-
Notifications
You must be signed in to change notification settings - Fork 93
Port forwarding session dies after hours due to insufficient reconnection retry budget on WebSocket close 1000 #135
Description
Environment:
SSM Agent: 3.3.x (on-prem hybrid instance, Amazon Linux 2023)
EC2 Security Group: Allow all outbound traffic
session-manager-plugin: latest (on EC2 t4g.micro, AL2023)
Region: us-west-2
Document: AWS-StartPortForwardingSession
Target: Hybrid managed instance (mi-*)
Idle timeout: 20m + ResumeSession
Max Session Timeout: Not set
Description:
We're running long-lived SSM port forwarding sessions (12-24h) from an EC2 instance to an on-premise hybrid managed instance.
The tunnel works correctly for hours (we use ResumeSession to be able to hanlde idleTimeout), but eventually dies silently -- all traffic starts timing out with no response.
Root cause from logs :
The SSM service closes WebSocket connections approximately every 60 minutes, sending websocket: close 1000 (normal): Bye. Both the on-prem agent and the EC2-side session-manager-plugin attempt to reconnect. The on-prem agent consistently reconnects successfully. The session-manager-plugin usually reconnects too, but occasionally fails.

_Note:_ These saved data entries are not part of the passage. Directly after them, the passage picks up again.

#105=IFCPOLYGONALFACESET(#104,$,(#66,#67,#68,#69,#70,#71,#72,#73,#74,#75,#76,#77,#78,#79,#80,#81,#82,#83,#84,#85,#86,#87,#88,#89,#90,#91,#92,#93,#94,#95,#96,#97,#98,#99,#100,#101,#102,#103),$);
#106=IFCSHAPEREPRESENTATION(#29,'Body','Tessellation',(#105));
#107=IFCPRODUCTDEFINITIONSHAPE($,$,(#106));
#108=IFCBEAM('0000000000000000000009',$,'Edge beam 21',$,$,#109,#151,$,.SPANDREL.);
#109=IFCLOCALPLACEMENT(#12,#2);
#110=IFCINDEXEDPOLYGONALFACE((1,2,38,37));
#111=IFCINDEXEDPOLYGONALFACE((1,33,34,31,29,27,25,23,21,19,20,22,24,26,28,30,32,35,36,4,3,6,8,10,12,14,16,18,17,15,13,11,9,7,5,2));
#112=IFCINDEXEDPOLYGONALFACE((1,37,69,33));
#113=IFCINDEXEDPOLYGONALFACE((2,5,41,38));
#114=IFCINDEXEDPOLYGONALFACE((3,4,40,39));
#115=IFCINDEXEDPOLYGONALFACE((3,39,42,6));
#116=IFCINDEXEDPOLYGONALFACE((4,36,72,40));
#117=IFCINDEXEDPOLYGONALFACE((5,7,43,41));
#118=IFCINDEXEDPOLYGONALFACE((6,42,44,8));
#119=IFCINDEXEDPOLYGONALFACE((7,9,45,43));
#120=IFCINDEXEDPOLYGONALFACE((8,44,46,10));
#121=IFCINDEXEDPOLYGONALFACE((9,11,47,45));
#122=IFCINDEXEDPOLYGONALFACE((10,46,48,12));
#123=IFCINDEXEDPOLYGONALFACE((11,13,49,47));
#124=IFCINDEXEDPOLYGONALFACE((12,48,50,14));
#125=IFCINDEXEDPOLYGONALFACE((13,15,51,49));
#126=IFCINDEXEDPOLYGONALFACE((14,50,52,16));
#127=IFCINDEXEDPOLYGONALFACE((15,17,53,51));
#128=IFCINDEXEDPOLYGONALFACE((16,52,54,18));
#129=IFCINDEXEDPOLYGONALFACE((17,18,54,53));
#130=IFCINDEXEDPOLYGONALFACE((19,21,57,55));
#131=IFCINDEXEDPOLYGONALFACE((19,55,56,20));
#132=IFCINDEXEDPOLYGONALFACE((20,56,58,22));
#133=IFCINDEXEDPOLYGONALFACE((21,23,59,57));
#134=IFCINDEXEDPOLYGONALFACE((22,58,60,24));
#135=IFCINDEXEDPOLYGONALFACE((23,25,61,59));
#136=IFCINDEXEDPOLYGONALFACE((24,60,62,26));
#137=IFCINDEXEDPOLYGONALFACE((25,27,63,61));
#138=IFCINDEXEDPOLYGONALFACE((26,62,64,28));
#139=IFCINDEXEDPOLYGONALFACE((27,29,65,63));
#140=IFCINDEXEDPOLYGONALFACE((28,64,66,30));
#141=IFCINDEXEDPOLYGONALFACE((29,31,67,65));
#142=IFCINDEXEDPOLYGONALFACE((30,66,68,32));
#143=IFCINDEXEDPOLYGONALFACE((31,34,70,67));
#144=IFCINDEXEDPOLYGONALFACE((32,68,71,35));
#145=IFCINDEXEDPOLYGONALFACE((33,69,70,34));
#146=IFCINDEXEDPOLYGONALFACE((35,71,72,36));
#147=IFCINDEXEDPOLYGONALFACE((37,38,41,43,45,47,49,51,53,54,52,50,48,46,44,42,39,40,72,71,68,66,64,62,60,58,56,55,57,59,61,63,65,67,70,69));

When the plugin fails to reconnect, the on-prem agent receives "Session is already terminated" when trying to recreate the data channel -- meaning the EC2 side has already given up and killed the session*
On-prem agent log -- successful reconnections every ~60 min (same session, same pattern):
2026-03-28 13:27:39 WARN [pluginName=Port] Reach the retry limit 5 for receive messages. Error: websocket: close 1000 (normal): Bye
2026-03-28 14:27:41 WARN [pluginName=Port] Reach the retry limit 5 for receive messages. Error: websocket: close 1000 (normal): Bye
2026-03-28 15:27:43 WARN [pluginName=Port] Reach the retry limit 5 for receive messages. Error: websocket: close 1000 (normal): Bye
2026-03-28 16:27:44 WARN [pluginName=Port] Reach the retry limit 5 for receive messages. Error: websocket: close 1000 (normal): Bye
All of the above resulted in successful reconnections -- tunnel continued working.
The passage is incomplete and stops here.